# Looking for a bright, affordable, USB chargeable taillight



## Straz85 (Mar 20, 2009)

I keep managing to break all my inexpensive taillights I get at REI, most recently a PB Superflash Turbo. I'm looking for something better quality, a bit brighter and USB chargeable. I know "affordable" is relative, so show me what ya got, bonus points for keeping it at a reasonable price!

Thanks!


----------



## Straz85 (Mar 20, 2009)

Okay, well I did this backwards and researched after posting. Now I have some questions:

Dinotte 300R: Sounds like the brightest option with the best beam pattern, but also expensive at $200. I may bite the bullet though, this would make me a lot more comfortable

Cygolite Hot Shot: Sounds bright, especially for $40. I also read it has a narrow beam pattern though. Opinions?
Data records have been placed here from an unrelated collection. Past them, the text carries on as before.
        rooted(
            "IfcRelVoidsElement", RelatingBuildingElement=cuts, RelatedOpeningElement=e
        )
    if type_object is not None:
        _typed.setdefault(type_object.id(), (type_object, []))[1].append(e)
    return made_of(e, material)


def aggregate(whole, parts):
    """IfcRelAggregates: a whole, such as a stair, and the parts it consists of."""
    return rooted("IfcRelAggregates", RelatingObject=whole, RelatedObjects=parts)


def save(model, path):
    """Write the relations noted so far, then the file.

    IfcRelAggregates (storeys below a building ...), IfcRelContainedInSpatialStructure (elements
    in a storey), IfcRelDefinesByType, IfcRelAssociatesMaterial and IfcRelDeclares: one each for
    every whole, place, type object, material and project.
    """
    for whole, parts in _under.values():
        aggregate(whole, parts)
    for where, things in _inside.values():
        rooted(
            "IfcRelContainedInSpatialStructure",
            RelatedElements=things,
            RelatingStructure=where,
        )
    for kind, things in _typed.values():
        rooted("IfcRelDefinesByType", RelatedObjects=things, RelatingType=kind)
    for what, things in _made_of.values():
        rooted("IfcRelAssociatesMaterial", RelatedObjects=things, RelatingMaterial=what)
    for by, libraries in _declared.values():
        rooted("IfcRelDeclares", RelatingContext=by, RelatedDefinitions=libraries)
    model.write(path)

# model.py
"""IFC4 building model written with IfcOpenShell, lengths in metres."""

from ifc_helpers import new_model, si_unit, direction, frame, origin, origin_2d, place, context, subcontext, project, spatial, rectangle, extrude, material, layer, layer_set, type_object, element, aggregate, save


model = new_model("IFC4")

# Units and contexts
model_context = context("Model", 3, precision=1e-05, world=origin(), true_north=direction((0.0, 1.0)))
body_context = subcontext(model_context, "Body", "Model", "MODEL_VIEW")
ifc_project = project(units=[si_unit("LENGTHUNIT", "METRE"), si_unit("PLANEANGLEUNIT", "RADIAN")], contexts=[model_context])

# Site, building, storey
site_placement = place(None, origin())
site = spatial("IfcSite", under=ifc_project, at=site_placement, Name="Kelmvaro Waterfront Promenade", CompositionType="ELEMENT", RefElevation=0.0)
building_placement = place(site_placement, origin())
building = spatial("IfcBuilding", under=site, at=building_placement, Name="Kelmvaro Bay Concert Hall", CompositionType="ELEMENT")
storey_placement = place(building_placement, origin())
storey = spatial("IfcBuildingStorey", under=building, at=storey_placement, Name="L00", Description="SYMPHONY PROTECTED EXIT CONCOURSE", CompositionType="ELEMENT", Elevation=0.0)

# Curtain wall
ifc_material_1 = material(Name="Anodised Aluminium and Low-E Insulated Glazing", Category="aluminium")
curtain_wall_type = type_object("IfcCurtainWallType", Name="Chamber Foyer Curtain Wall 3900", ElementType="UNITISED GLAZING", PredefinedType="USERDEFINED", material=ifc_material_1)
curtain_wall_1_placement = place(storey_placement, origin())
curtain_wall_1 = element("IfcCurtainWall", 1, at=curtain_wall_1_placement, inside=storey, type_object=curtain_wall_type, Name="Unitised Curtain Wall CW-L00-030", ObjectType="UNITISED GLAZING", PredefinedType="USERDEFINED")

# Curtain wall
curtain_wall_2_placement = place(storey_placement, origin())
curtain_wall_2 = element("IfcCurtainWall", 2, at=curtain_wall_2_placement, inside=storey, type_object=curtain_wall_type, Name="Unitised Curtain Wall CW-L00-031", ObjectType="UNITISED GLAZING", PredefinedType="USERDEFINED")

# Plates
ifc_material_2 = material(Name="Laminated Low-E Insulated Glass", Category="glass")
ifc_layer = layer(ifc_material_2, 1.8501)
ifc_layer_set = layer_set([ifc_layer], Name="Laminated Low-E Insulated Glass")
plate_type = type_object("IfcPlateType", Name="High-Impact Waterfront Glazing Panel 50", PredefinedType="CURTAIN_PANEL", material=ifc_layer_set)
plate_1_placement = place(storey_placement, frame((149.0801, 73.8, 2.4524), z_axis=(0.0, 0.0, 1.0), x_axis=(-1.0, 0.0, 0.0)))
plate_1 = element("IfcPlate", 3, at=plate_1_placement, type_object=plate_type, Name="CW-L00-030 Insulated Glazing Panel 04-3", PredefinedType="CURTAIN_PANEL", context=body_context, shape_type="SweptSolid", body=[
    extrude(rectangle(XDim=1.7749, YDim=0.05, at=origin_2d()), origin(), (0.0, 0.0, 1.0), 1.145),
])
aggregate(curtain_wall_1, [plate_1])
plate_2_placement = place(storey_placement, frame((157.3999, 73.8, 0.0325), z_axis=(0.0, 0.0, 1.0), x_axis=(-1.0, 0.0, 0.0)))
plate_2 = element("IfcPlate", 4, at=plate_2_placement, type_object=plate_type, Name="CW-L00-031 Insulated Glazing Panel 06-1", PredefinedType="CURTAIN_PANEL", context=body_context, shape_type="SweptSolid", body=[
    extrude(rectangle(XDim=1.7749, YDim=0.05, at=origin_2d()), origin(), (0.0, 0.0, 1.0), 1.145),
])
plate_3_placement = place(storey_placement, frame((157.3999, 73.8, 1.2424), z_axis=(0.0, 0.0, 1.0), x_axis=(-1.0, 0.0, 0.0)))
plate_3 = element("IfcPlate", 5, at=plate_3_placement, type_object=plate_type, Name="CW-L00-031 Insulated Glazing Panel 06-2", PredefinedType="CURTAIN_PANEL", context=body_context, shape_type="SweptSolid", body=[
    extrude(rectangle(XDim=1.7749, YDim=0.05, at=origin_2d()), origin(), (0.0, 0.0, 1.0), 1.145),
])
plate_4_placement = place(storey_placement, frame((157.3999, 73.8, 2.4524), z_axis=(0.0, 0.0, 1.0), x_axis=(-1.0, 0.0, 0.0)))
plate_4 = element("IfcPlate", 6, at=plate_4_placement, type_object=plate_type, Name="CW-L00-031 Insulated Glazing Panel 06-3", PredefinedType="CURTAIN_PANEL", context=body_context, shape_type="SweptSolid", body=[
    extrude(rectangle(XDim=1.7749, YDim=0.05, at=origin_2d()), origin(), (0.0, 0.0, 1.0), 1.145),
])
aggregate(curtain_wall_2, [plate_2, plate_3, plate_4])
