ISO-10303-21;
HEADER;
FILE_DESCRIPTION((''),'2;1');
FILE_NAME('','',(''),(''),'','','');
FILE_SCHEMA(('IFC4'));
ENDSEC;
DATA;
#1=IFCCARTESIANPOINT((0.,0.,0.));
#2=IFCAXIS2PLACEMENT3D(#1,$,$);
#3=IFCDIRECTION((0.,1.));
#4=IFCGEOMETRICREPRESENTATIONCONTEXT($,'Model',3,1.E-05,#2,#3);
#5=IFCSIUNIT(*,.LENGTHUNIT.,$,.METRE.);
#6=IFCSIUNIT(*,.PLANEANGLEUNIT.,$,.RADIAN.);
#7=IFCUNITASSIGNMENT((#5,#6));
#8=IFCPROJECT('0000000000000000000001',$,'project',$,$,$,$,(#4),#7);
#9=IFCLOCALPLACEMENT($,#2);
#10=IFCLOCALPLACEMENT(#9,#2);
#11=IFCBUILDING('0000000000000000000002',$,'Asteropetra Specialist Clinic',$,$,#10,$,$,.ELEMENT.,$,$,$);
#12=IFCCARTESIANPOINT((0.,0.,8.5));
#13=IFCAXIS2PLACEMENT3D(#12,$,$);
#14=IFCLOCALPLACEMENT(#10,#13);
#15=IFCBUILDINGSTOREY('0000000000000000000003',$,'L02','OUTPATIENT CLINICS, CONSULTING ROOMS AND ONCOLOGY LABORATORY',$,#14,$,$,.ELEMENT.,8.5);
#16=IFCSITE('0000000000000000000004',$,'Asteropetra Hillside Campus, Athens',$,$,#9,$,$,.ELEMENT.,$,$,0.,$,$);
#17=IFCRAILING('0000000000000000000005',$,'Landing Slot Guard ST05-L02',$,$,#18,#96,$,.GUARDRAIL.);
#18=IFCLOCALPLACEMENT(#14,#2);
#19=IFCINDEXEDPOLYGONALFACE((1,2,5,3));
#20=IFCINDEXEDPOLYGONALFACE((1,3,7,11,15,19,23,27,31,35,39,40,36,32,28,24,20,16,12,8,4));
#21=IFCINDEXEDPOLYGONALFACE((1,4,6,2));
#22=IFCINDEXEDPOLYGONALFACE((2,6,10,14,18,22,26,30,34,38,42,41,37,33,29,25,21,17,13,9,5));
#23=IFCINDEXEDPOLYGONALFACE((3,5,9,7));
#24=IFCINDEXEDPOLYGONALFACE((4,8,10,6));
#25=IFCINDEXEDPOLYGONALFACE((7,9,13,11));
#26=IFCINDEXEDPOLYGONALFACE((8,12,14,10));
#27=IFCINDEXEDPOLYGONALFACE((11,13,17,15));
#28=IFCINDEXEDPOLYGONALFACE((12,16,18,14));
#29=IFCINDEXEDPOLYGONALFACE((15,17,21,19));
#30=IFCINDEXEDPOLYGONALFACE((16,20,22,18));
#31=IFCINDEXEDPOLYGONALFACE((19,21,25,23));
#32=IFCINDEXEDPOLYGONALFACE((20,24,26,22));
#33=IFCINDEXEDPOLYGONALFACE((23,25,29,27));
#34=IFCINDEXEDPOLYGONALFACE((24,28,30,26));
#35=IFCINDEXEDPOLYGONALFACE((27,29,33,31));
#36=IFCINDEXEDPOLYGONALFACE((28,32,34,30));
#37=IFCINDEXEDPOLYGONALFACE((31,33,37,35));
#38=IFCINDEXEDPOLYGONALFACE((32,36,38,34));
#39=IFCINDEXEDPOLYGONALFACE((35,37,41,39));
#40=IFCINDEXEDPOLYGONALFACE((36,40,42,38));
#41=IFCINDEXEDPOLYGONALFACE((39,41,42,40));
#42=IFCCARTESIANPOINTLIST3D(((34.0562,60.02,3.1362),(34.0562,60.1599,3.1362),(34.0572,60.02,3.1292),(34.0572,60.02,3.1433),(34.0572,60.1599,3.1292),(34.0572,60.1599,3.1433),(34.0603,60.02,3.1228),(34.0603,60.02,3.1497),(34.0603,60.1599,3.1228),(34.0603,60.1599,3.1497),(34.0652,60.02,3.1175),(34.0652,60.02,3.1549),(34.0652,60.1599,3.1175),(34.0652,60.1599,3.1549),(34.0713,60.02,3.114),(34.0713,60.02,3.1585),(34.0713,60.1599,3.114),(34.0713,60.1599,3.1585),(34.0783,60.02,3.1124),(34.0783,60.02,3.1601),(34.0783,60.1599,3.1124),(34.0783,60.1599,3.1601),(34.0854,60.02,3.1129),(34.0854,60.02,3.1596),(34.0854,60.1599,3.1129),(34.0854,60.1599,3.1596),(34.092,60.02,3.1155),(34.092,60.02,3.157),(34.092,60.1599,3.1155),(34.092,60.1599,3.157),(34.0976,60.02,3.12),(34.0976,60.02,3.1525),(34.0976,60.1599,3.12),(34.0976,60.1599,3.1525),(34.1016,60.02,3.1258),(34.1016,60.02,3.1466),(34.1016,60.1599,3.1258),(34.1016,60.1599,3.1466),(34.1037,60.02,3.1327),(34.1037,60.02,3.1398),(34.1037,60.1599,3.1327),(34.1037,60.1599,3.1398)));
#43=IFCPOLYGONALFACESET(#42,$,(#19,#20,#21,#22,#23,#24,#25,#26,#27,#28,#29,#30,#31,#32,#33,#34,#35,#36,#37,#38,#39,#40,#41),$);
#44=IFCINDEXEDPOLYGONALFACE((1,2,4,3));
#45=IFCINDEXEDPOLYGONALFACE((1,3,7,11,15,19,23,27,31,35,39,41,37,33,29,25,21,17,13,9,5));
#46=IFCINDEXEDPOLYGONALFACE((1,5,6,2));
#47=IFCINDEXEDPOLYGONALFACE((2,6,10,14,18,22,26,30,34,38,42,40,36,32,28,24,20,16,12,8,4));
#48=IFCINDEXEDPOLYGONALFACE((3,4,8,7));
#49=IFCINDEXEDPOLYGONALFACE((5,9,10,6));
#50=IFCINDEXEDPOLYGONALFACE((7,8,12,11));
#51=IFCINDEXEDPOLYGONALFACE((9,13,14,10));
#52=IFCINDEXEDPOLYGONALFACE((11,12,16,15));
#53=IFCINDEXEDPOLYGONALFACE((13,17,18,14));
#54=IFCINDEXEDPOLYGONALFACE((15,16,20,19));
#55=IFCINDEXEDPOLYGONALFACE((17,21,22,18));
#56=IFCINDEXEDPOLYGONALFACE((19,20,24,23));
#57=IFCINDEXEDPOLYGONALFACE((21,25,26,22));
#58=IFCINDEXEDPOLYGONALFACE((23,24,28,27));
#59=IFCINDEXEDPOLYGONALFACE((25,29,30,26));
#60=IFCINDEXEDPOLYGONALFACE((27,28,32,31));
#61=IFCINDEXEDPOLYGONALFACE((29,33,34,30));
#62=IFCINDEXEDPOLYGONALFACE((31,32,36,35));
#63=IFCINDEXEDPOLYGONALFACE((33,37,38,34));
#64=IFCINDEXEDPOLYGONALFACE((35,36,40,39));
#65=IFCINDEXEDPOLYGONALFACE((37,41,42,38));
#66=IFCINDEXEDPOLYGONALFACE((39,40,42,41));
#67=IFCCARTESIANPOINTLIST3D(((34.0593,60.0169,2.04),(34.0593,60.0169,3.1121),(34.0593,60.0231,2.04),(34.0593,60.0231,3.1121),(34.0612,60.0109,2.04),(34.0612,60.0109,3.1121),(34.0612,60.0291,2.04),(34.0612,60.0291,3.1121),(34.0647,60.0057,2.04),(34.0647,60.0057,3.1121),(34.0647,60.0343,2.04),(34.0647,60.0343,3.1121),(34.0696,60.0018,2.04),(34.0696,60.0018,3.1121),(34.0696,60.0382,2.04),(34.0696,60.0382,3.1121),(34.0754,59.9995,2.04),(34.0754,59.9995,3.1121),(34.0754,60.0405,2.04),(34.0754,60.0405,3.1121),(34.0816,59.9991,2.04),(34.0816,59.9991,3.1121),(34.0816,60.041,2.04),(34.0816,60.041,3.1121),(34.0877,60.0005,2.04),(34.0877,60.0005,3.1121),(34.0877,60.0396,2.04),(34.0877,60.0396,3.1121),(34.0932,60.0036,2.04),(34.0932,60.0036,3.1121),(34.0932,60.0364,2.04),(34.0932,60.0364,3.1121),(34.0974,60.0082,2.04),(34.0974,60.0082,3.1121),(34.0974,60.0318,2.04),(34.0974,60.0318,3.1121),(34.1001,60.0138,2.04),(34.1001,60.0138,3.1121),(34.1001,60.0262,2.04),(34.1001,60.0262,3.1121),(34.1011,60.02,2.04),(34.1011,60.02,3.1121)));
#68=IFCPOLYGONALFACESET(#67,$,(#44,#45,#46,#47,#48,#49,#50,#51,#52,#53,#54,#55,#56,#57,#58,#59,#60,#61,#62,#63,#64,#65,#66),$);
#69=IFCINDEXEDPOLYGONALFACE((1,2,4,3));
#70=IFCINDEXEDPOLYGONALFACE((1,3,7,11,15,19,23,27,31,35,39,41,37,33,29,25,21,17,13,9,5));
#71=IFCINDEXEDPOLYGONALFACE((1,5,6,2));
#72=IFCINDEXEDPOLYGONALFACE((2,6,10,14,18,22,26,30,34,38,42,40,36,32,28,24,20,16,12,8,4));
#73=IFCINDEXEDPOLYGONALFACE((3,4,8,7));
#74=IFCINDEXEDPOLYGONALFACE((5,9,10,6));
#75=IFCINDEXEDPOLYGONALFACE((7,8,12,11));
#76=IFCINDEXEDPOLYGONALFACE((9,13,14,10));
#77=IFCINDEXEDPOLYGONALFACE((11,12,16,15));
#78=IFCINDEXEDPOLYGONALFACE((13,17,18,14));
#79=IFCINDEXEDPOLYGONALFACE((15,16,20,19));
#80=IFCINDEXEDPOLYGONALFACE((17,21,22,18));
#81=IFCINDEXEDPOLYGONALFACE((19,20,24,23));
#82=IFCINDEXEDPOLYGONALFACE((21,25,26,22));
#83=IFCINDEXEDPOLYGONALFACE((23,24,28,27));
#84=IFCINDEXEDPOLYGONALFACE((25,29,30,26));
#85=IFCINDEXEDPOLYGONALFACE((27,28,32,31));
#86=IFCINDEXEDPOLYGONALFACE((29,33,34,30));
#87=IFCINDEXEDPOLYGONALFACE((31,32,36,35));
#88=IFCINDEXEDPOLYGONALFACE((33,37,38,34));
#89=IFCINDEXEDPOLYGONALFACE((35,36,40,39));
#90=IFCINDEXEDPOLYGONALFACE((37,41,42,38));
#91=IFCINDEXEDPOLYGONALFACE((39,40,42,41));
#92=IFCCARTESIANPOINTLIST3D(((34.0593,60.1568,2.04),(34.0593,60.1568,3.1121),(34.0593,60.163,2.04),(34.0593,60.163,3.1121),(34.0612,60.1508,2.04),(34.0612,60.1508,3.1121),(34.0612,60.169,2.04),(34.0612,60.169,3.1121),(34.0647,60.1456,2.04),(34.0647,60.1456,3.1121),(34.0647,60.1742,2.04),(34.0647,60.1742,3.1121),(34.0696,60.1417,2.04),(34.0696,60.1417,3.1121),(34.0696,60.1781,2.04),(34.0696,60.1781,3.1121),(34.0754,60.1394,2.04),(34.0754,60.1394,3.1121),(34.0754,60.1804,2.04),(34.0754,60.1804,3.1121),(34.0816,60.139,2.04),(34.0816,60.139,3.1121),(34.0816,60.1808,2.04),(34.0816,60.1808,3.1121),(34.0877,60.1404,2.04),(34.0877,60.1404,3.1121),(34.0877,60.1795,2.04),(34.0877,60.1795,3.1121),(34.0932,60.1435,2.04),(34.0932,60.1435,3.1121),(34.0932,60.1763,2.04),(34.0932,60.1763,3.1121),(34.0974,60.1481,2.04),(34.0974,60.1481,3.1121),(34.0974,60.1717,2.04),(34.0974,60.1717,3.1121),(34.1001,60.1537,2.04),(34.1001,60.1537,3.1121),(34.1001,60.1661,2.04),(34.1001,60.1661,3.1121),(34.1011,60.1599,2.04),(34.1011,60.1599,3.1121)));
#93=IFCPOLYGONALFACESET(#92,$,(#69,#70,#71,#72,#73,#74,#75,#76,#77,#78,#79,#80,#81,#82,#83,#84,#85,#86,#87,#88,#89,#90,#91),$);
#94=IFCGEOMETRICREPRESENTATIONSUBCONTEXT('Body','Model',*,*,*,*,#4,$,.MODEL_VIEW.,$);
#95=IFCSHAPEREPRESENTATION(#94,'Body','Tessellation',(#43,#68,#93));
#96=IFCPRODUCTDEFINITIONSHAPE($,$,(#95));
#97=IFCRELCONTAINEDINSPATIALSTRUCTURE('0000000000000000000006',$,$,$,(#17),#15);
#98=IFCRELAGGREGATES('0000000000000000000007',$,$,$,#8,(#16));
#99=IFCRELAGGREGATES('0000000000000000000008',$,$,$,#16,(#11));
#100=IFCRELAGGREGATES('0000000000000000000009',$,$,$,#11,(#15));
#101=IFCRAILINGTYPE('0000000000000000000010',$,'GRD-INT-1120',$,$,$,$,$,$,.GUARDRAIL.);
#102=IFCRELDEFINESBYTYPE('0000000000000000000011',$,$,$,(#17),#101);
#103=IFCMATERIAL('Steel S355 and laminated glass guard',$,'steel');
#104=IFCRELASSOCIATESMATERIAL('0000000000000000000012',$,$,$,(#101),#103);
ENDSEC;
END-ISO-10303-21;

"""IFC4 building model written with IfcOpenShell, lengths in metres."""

from ifc_helpers import new_model, si_unit, direction, frame, origin, origin_2d, place, context, subcontext, project, spatial, circle, extrude, material, type_object, element, save


model = new_model("IFC4")

# Units and contexts
model_context = context("Model", 3, precision=1e-05, world=origin(), true_north=direction((0.0, 1.0)))
body_context = subcontext(model_context, "Body", "Model", "MODEL_VIEW")
ifc_project = project(units=[si_unit("LENGTHUNIT", "METRE"), si_unit("PLANEANGLEUNIT", "RADIAN")], contexts=[model_context])

# Site, building, storey
site_placement = place(None, origin())
site = spatial("IfcSite", under=ifc_project, at=site_placement, Name="Asteropetra Hillside Campus, Athens", CompositionType="ELEMENT", RefElevation=0.0)
building_placement = place(site_placement, origin())
building = spatial("IfcBuilding", under=site, at=building_placement, Name="Asteropetra Specialist Clinic", CompositionType="ELEMENT")
storey_placement = place(building_placement, frame((0.0, 0.0, 8.5)))
storey = spatial("IfcBuildingStorey", under=building, at=storey_placement, Name="L02", Description="OUTPATIENT CLINICS, CONSULTING ROOMS AND ONCOLOGY LABORATORY", CompositionType="ELEMENT", Elevation=8.5)

# Railing
ifc_material_1 = material(Name="Steel S355 and laminated glass guard", Category="steel")
railing_type_1 = type_object("IfcRailingType", Name="GRD-INT-1120", PredefinedType="GUARDRAIL", material=ifc_material_1)
railing_1_placement = place(storey_placement, frame((34.0801, 60.02, 2.04)))
element("IfcRailing", 1, at=railing_1_placement, inside=storey, type_object=railing_type_1, Name="Landing Slot Guard ST05-L02", PredefinedType="GUARDRAIL", context=body_context, shape_type="SweptSolid", body=[
    extrude(circle(Radius=0.0239, at=origin_2d()), frame((0.0, 0.0, 1.0962), z_axis=(0.0, 1.0, 0.0), x_axis=(-1.0, 0.0, 0.0)), (0.0, 0.0, 1.0), 0.1399),
    extrude(circle(Radius=0.021, at=origin_2d()), origin(), (0.0, 0.0, 1.0), 1.072),
    extrude(circle(Radius=0.021, at=origin_2d()), frame((0.0, 0.1399, 0.0)), (0.0, 0.0, 1.0), 1.072),
])

save(model, "model.ifc")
Niterider Solas: Anyone tried one of these? Sounds similar to the Hot Shot. I'm wondering if it has a slightly broader beam pattern


----------



## lazybeaner (Sep 28, 2006)

This guy did a great review of Tail lights. It has the lumens at 45* and 90* for the Hot Shot.


----------



## CommuterBoy (Oct 4, 2007)

How did you break a superflash? I've been using the same one for years. Just curious.


----------



## mtbxplorer (Dec 25, 2009)

I have that Dinotte 300R. It's been very reliable and is very bright, and comes with a lot of mounting options. The seatpost mount has been reliable but is not quite as impressive as the light itself in beefiness. The light is a bit bulkier and heavier than the inexpensive and pretty bright Superflashes, etc. if you are concerned about size or weight. I had a cheaper Dinotte that - despite the great reviews and assurances that this never happens - failed and was returned 3x before I put the credit toward the more expensive 300R. If it's something you will use almost every day it is worth it. I still try to carry a blinky backup because you just never know, and nothing is worse than no taillight.


----------



## BrianMc (Jan 5, 2010)

The HotShot:

Cygolite HotShot Review

The mount is not as robust as the Planet Bike Turbo, which is OK for commute use. The bolt holding the two parts together is very small as is the nut. Hard to replace if you lose either. The usb works like a charm. Though narrow, i widens with distance and was reported to be visible in bright sunlight over a half mile off by the support crew on the Cover Indiana Ride, this year. Listed for $40, I found mine on sale for $25.

For a wide angle light check out the RedZone 4:
Review: The NiteFLUX RedZone 4

BrianMc


----------



## muayteg (Apr 3, 2011)

I use my hotshot four or five times a week commuting and love it. Ive had it since september last year. So, 11 months and have only had to charge it once! The battery life is amazing. I have not had the chance to try the others you mentioned. If this one breaks, I will probly buy another hotshot to replace it. You cant beat the price.


----------



## Straz85 (Mar 20, 2009)

CommuterBoy said:


> How did you break a superflash? I've been using the same one for years. Just curious.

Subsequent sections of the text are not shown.